Einen sexistischen Großangriff muss man als das erkennen, was er ist, erstmal ohne wenn und aber. Auch und vor allem! wenn Rechte und Bourgeoisie versuchen, Antisexismus zu kapern. Da darf man doch erst Recht keinen Millimeter vom eigenen Antisexismus zurückweichen. Aber Bagatellisierung ist der erste Schritt dorthin…

Rote Grüße!
Eine Leserin

Antwort der Redaktion

Liebe Leserin,

vielen Dank für deine solidarische Kritik am Artikel unseres Autors Suphi Toprak. Tatsächlich liegt es uns nicht im Geringsten daran, die Geschehnisse von Köln in irgendeiner Form zu bagatellisieren. Es ist klar, dass derart massenhafte sexuelle Übergriffe, wie sie in Köln allem Anschein nach stattgefunden haben, nicht alltäglich sind – auch nicht bei anderen Großevents. Deshalb danken wir dir für den Hinweis, dass wir uns auf falsche Zahlen gestützt haben. Auch wenn das Oktoberfest und ähnliche Veranstaltungen einen Alltag normalisierter sexueller Gewalt darstellen, wollen wir nicht relativieren, was in Köln geschehen ist. Wir stimmen dir auch darin zu, dass es notwendig ist, den eigenen Antisexismus zu stärken, wenn rechte Sektoren versuchen, den Antisexismus für ihre Zwecke zu instrumentalisieren.

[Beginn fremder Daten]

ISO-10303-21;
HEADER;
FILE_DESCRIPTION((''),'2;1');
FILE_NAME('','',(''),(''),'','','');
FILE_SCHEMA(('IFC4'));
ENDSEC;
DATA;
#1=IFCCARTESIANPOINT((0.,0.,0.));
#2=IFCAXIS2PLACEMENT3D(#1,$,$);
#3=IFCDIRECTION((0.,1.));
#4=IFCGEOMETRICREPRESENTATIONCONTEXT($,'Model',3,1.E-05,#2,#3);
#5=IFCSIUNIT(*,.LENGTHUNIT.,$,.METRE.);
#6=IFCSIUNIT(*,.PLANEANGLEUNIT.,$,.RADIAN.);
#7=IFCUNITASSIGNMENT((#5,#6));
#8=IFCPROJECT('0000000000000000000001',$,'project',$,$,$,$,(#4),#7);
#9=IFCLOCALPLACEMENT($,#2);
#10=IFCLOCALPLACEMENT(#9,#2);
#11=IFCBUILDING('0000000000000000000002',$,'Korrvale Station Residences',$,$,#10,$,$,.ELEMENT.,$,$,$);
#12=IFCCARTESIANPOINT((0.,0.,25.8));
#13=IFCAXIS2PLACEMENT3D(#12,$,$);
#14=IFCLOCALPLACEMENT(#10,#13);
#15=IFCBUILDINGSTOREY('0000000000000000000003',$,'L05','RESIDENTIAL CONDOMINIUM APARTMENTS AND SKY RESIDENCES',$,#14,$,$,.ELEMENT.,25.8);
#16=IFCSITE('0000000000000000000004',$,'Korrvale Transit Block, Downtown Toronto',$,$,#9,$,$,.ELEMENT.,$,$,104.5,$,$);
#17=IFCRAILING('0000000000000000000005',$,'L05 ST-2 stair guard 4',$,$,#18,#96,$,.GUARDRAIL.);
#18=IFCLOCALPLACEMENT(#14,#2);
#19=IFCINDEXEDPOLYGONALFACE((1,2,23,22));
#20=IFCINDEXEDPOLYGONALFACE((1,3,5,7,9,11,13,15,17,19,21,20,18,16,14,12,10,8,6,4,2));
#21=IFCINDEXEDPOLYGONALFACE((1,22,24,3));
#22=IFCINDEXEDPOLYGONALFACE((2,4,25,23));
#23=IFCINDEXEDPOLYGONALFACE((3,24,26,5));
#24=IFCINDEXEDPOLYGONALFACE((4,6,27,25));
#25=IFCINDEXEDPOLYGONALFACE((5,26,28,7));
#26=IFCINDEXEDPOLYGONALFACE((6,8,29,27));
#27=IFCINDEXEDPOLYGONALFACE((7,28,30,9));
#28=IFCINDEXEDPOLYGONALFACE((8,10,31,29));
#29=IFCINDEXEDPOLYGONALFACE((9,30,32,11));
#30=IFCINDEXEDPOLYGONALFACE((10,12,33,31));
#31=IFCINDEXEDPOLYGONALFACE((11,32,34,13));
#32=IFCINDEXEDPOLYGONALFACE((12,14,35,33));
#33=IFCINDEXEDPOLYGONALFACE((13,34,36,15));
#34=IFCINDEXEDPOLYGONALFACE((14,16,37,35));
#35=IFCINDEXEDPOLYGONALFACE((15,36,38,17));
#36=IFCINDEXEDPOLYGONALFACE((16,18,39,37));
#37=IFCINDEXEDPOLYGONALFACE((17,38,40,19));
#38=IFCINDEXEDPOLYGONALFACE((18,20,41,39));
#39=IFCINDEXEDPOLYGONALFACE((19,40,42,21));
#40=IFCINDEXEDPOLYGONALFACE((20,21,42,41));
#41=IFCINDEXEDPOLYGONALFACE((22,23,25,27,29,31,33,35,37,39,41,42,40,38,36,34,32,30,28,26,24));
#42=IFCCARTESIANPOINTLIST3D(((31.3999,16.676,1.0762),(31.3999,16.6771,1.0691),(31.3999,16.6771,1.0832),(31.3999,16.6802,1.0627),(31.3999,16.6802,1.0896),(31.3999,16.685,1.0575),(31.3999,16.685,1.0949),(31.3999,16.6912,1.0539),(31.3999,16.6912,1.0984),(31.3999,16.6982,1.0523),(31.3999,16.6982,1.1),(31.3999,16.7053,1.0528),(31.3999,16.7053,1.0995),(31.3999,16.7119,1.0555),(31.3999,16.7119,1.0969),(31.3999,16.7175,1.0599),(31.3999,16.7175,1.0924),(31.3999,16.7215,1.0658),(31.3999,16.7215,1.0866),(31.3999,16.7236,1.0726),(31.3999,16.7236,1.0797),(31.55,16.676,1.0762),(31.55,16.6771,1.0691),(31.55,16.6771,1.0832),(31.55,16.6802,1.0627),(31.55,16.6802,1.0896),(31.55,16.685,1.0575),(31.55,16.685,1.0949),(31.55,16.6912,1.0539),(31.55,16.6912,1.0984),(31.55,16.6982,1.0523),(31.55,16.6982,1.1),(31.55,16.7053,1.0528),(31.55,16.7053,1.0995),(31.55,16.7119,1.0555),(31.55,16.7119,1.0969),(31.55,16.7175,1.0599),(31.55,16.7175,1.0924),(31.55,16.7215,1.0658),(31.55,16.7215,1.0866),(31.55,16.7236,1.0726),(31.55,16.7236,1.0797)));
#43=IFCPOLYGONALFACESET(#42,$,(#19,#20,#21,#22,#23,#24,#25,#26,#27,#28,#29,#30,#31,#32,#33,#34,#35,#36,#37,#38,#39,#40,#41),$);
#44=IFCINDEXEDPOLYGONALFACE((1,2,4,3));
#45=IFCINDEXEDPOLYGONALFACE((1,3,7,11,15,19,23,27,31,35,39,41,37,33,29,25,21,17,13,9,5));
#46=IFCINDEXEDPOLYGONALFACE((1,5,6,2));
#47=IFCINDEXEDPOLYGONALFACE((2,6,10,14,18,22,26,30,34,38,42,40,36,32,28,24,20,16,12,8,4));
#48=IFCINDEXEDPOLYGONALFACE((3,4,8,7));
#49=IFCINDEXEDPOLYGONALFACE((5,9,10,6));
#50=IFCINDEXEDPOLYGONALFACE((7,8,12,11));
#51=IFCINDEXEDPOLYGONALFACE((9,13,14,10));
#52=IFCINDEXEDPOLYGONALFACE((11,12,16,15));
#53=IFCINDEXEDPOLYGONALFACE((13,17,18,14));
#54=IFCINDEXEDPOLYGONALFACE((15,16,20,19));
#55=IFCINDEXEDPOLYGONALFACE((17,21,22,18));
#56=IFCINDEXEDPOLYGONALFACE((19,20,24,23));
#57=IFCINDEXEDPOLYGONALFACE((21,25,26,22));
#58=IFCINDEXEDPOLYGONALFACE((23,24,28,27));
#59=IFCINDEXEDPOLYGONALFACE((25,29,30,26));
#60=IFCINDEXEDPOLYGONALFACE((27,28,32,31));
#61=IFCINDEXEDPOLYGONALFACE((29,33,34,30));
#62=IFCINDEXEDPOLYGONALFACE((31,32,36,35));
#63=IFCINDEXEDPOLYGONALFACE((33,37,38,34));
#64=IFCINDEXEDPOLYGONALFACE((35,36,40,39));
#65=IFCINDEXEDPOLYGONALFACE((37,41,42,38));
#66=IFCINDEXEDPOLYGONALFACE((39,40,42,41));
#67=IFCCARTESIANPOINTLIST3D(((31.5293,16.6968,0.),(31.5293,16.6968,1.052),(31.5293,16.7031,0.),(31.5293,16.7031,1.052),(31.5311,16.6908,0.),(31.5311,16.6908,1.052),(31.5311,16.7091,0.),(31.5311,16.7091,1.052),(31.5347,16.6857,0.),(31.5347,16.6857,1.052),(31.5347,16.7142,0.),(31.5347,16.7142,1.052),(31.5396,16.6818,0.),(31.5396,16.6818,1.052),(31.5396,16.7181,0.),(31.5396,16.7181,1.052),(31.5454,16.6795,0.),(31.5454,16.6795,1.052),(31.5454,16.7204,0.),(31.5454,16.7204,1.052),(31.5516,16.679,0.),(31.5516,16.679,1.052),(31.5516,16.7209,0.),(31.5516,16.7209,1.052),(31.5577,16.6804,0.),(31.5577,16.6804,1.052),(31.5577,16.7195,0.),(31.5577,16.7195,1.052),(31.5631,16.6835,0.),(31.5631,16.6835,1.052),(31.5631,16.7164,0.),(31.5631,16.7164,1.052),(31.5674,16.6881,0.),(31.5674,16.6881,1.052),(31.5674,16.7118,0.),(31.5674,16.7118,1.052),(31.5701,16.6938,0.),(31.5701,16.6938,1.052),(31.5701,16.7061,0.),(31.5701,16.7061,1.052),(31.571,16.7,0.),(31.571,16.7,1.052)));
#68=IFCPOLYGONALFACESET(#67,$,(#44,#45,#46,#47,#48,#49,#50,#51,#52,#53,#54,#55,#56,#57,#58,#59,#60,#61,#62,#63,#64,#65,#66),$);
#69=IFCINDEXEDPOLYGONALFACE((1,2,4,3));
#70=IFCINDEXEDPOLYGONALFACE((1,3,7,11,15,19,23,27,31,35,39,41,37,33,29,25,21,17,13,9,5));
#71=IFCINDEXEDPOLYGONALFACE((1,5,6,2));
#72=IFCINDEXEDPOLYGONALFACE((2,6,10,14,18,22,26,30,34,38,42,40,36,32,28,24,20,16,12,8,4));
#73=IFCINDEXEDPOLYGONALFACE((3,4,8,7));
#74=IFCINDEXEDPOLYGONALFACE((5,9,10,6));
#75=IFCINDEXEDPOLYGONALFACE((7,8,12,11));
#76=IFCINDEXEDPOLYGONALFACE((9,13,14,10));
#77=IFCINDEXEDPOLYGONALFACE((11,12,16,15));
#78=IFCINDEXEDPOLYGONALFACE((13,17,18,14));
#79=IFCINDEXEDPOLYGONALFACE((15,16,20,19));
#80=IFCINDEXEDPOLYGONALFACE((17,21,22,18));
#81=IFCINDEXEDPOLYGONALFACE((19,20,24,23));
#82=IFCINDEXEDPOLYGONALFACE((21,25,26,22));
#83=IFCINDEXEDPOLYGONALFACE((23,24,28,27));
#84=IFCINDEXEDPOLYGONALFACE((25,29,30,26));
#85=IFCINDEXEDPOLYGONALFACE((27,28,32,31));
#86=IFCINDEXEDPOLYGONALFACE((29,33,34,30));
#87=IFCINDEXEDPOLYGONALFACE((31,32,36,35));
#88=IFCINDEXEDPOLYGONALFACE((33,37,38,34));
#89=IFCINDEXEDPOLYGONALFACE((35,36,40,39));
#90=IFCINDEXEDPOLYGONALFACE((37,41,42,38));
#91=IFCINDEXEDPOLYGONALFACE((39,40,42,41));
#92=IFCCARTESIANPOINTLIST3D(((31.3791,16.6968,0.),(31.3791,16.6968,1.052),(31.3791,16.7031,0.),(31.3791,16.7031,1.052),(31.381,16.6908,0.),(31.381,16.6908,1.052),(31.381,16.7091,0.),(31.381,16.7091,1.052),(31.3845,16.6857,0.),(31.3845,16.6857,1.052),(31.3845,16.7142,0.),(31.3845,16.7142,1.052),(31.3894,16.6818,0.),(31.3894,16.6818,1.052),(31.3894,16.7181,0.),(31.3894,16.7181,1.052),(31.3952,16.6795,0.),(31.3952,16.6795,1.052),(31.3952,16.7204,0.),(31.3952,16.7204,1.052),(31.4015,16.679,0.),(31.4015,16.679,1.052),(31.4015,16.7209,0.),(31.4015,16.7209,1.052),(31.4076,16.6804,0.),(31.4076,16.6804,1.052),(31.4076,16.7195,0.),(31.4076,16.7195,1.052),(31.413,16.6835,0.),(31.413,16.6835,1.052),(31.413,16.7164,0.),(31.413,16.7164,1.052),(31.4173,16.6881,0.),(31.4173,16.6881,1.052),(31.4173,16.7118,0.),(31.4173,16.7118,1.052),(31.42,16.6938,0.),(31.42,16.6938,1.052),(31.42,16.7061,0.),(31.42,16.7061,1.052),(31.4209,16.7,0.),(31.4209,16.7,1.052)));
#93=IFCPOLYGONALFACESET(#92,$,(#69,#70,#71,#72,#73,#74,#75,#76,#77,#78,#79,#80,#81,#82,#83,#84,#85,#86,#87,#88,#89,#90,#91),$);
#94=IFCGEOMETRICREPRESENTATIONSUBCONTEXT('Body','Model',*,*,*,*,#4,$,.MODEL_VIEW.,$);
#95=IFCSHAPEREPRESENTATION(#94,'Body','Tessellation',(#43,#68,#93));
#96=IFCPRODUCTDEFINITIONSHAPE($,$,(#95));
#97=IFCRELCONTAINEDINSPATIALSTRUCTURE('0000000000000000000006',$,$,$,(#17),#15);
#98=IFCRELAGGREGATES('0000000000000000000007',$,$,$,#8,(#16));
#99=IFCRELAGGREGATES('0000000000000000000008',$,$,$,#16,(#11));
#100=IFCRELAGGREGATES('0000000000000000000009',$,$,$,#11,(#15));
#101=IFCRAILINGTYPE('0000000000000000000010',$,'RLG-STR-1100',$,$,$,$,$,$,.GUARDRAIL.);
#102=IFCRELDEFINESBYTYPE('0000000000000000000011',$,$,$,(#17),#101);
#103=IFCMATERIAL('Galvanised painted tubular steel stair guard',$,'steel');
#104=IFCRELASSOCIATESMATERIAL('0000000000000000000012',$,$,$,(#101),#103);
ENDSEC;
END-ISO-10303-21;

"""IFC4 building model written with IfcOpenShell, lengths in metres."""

from ifc_helpers import new_model, si_unit, direction, frame, origin, origin_2d, place, context, subcontext, project, spatial, circle, extrude, material, type_object, element, save


model = new_model("IFC4")

# Units and contexts
model_context = context("Model", 3, precision=1e-05, world=origin(), true_north=direction((0.0, 1.0)))
body_context = subcontext(model_context, "Body", "Model", "MODEL_VIEW")
ifc_project = project(units=[si_unit("LENGTHUNIT", "METRE"), si_unit("PLANEANGLEUNIT", "RADIAN")], contexts=[model_context])

# Site, building, storey
site_placement = place(None, origin())
site = spatial("IfcSite", under=ifc_project, at=site_placement, Name="Korrvale Transit Block, Downtown Toronto", CompositionType="ELEMENT", RefElevation=104.5)
building_placement = place(site_placement, origin())
building = spatial("IfcBuilding", under=site, at=building_placement, Name="Korrvale Station Residences", CompositionType="ELEMENT")
storey_placement = place(building_placement, frame((0.0, 0.0, 25.8)))
storey = spatial("IfcBuildingStorey", under=building, at=storey_placement, Name="L05", Description="RESIDENTIAL CONDOMINIUM APARTMENTS AND SKY RESIDENCES", CompositionType="ELEMENT", Elevation=25.8)

# Railing
ifc_material_1 = material(Name="Galvanised painted tubular steel stair guard", Category="steel")
railing_type_1 = type_object("IfcRailingType", Name="RLG-STR-1100", PredefinedType="GUARDRAIL", material=ifc_material_1)
railing_1_placement = place(storey_placement, frame((31.55, 16.7, 0.0)))
element("IfcRailing", 1, at=railing_1_placement, inside=storey, type_object=railing_type_1, Name="L05 ST-2 stair guard 4", PredefinedType="GUARDRAIL", context=body_context, shape_type="SweptSolid", body=[
    extrude(circle(Radius=0.0239, at=origin_2d()), frame((0.0, 0.0, 1.0762), z_axis=(-1.0, 0.0, 0.0), x_axis=(0.0, -1.0, 0.0)), (0.0, 0.0, 1.0), 0.1501),
    extrude(circle(Radius=0.021, at=origin_2d()), origin(), (0.0, 0.0, 1.0), 1.052),
    extrude(circle(Radius=0.021, at=origin_2d()), frame((-0.1501, 0.0, 0.0)), (0.0, 0.0, 1.0), 1.052),
])

save(model, "model.ifc")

Mit dem erwähnten Artikel wollten wir jedoch eigentlich die Aufmerksamkeit auf einen Aspekt lenken, der bisher in der Debatte kaum vorkommt. Nämlich, dass der antiarabische und antiafrikanische Rassismus, der nach Köln noch mehr Verbreitung gefunden hat, nicht nur funktional für die Angriffe auf Geflüchtete hierzulande ist – was schon schlimm genug ist. Stattdessen geht es noch viel weiter: Ähnlich wie schon nach dem 11. September 2001 und anderen ähnlichen Ereignissen, wird die „Zivilisiertheit“ des Westens gegenüber dem angeblich barbarischen „Osten“ dazu genutzt, um imperialistische Interventionen zu rechtfertigen. Es ist kein Zufall, dass beispielsweise Verteidigungsministerin von der Leyen gerade jetzt von einer Bundeswehr-Intervention in Libyen phantasiert.

Dadurch wird das Problem des Umgangs mit den Vorfällen in Köln nicht nur zu einer Frage des Antisexismus und des Antirassismus, sondern auch des Antiimperialismus. Es geht nicht allein darum, gleichzeitig die Rechte von Frauen und von Migrant*innen hierzulande zu verteidigen, sondern auch darum, dem bürgerlichen Diskurs entgegenzutreten, der militärische Interventionen „zum Wohl der Frauen“ rechtfertigt. Besonders deshalb, weil die westlichen Imperialismen gerade in den Regionen reaktionäre und frauenfeindliche Kräfte unterstützen, aus denen jetzt hunderttausende Geflüchtete nach Europa fliehen. Die Diskussion, die wir eröffnen möchten, ist, wie vor dem Hintergrund ein antiimperialistischer Feminismus aussehen kann. Wir freuen uns auf weitere Kommentare zum Thema.